Most days I look at the mirrors in my daughter and I love what I see. Like me, but in her unique ways, she is immensely clever, creative, intuitive, and emotionally intelligent. She is a fabulous human being. I like spending time with her.

Sometimes, she lets me know that she really sees me and how I have tried so very hard to be a good mother.

For Mother's Day, she wrote me a thank you letter.

"Thank you.

Thank you for always being there for me whether I'm talking to you about boring everyday things or just sitting with me while I cry.

Thank you for putting up with my snobbiness and sarcasm.

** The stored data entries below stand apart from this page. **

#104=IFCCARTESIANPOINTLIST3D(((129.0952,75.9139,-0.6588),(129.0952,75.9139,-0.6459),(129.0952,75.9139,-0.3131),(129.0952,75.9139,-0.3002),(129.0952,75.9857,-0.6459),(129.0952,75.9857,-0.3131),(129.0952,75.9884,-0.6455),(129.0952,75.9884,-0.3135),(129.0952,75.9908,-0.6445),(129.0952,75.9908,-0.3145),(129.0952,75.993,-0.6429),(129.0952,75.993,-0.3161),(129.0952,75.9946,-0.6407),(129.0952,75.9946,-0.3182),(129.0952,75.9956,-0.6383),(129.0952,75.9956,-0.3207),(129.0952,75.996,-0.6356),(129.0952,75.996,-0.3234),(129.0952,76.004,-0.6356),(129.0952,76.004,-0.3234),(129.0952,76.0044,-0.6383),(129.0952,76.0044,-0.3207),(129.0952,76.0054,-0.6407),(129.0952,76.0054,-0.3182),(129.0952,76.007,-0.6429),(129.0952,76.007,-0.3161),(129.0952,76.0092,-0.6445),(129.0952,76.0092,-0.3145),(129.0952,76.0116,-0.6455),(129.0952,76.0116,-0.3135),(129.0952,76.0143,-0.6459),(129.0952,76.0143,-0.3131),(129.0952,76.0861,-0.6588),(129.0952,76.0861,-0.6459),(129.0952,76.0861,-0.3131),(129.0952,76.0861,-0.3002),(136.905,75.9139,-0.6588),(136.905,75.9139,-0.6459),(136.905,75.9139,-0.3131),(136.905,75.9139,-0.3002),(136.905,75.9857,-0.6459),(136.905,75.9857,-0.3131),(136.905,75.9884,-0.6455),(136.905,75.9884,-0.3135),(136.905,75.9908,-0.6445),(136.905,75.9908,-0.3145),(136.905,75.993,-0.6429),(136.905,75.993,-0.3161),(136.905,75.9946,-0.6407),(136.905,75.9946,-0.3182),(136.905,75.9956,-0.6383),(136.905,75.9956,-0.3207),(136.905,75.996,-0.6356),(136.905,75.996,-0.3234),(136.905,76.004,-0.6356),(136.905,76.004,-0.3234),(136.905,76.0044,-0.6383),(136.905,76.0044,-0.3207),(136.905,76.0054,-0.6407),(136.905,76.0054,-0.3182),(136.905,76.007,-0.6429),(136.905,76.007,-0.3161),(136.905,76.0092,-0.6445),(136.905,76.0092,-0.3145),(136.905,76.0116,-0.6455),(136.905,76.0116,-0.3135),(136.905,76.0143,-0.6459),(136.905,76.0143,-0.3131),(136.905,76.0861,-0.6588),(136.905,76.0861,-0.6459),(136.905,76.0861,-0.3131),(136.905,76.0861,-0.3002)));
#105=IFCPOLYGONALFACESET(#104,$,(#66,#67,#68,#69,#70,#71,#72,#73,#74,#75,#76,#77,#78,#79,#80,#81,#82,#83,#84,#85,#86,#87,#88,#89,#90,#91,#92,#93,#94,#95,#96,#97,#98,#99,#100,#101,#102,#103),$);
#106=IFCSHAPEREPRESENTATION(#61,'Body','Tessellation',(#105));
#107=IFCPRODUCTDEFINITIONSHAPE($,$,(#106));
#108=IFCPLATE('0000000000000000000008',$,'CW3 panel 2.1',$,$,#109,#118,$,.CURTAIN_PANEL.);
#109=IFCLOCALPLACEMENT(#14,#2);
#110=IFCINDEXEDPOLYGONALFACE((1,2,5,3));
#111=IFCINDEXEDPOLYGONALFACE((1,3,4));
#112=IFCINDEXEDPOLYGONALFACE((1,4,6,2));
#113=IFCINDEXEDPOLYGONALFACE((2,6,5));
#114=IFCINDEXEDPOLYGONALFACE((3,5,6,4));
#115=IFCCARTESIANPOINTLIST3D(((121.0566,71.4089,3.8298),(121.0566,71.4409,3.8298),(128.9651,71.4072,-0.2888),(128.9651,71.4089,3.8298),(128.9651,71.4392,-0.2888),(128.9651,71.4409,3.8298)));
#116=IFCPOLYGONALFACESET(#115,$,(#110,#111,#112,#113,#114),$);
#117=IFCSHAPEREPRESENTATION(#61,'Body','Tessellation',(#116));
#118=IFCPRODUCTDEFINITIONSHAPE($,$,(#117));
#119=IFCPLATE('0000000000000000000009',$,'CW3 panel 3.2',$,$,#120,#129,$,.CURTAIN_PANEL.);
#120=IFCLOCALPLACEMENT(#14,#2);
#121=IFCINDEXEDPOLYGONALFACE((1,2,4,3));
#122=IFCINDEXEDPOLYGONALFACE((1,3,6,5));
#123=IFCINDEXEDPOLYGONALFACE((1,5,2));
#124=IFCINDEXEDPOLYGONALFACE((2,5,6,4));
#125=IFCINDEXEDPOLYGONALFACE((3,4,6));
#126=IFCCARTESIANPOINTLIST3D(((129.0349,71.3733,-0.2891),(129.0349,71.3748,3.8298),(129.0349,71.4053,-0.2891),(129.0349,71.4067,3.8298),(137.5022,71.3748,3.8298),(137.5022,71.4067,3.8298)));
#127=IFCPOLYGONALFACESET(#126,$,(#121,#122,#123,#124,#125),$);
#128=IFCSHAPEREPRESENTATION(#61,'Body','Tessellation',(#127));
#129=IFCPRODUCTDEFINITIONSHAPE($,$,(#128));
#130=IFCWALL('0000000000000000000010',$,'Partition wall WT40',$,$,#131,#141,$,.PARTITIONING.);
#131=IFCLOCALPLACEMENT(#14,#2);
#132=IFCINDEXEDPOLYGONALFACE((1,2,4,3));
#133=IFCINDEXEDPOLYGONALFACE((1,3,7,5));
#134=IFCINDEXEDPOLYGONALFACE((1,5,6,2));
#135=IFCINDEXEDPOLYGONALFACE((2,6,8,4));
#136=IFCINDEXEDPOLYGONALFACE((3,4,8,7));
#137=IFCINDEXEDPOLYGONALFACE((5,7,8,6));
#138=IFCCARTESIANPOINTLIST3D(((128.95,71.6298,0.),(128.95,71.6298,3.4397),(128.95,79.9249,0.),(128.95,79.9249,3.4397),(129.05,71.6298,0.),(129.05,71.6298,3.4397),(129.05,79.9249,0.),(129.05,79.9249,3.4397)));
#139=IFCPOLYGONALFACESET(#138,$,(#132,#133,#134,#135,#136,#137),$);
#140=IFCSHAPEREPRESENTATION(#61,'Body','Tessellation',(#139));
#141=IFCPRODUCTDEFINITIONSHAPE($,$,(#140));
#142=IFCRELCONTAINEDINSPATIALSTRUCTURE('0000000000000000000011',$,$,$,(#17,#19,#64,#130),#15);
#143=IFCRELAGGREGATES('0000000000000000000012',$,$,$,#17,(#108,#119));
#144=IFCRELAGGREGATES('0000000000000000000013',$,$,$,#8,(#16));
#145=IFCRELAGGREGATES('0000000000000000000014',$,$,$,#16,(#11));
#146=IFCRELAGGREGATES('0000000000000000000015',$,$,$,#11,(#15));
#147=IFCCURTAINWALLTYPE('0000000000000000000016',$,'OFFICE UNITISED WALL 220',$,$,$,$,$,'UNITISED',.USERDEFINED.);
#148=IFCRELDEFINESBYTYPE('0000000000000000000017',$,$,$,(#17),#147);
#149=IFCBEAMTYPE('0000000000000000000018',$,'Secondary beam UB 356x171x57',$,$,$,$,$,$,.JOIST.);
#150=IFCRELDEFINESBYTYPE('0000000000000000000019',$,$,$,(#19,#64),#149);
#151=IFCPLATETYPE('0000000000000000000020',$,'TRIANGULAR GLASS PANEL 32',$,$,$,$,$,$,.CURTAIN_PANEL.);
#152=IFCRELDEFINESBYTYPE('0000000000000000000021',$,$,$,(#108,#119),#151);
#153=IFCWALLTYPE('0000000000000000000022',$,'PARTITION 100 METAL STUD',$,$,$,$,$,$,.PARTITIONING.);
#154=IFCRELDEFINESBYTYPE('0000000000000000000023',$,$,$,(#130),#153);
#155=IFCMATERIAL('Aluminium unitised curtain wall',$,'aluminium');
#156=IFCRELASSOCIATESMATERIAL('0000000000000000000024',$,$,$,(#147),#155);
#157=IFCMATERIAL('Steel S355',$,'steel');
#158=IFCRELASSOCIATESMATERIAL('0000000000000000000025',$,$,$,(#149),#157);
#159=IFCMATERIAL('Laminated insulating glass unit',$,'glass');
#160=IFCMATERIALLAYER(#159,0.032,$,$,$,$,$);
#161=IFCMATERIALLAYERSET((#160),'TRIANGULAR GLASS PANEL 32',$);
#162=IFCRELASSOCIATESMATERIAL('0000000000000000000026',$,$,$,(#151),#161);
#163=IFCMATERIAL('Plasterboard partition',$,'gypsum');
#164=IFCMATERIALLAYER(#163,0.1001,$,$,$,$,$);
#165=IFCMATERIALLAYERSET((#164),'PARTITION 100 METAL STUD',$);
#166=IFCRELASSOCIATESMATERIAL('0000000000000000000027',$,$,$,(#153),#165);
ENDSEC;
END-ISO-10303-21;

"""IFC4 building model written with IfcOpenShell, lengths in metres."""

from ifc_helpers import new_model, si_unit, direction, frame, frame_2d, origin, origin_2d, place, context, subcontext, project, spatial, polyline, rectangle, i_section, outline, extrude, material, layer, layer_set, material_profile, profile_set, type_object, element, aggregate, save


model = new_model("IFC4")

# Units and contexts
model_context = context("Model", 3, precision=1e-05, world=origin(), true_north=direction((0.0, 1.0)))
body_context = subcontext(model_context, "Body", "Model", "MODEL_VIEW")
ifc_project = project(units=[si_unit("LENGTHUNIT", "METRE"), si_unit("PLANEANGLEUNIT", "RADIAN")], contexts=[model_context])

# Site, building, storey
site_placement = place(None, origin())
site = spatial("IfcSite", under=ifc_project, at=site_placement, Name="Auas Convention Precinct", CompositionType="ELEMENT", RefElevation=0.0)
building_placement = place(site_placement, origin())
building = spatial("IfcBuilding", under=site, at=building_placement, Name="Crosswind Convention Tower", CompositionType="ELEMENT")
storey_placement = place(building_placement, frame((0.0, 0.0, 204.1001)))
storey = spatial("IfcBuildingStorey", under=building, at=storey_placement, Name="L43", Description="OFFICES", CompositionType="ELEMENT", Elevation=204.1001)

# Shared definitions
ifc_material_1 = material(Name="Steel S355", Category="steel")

Thank you for always trying. You may not be a perfect mother, but you try and that's good enough for me.

Thank you for putting up with my complaining and ungratefulness.

Thank you for letting me be who I am without question.

Thank you for always supporting me.

Thank you for being who you are.

Thank you for trying to grow and be everything you can possibly be.

Thank you for being so kind and giving to me, your friends and your community.

Thank you for telling me I'm smart and beautiful when I don't believe it.

And most of all thank you for giving me life and letting me be free.

I'm so sorry that you couldn't have had a mother like I do. I'm sorry your mother couldn't always give you what you needed. And didn't always put you first like you put me first. I'm sorry she wasn't all she could be. But I know she loved you, just like you love me. And I think you should always try to remember that. And if she wasn't who she was, then you wouldn't be who you are, right? I know she loved you. And I love you, too. I could not ask for a better mother. Really.

I appreciate you. I appreciate everything you've ever done for me. I appreciate what you are."


Pretty amazing, especially the paragraph about my own mother. Another mirror that I am grateful for.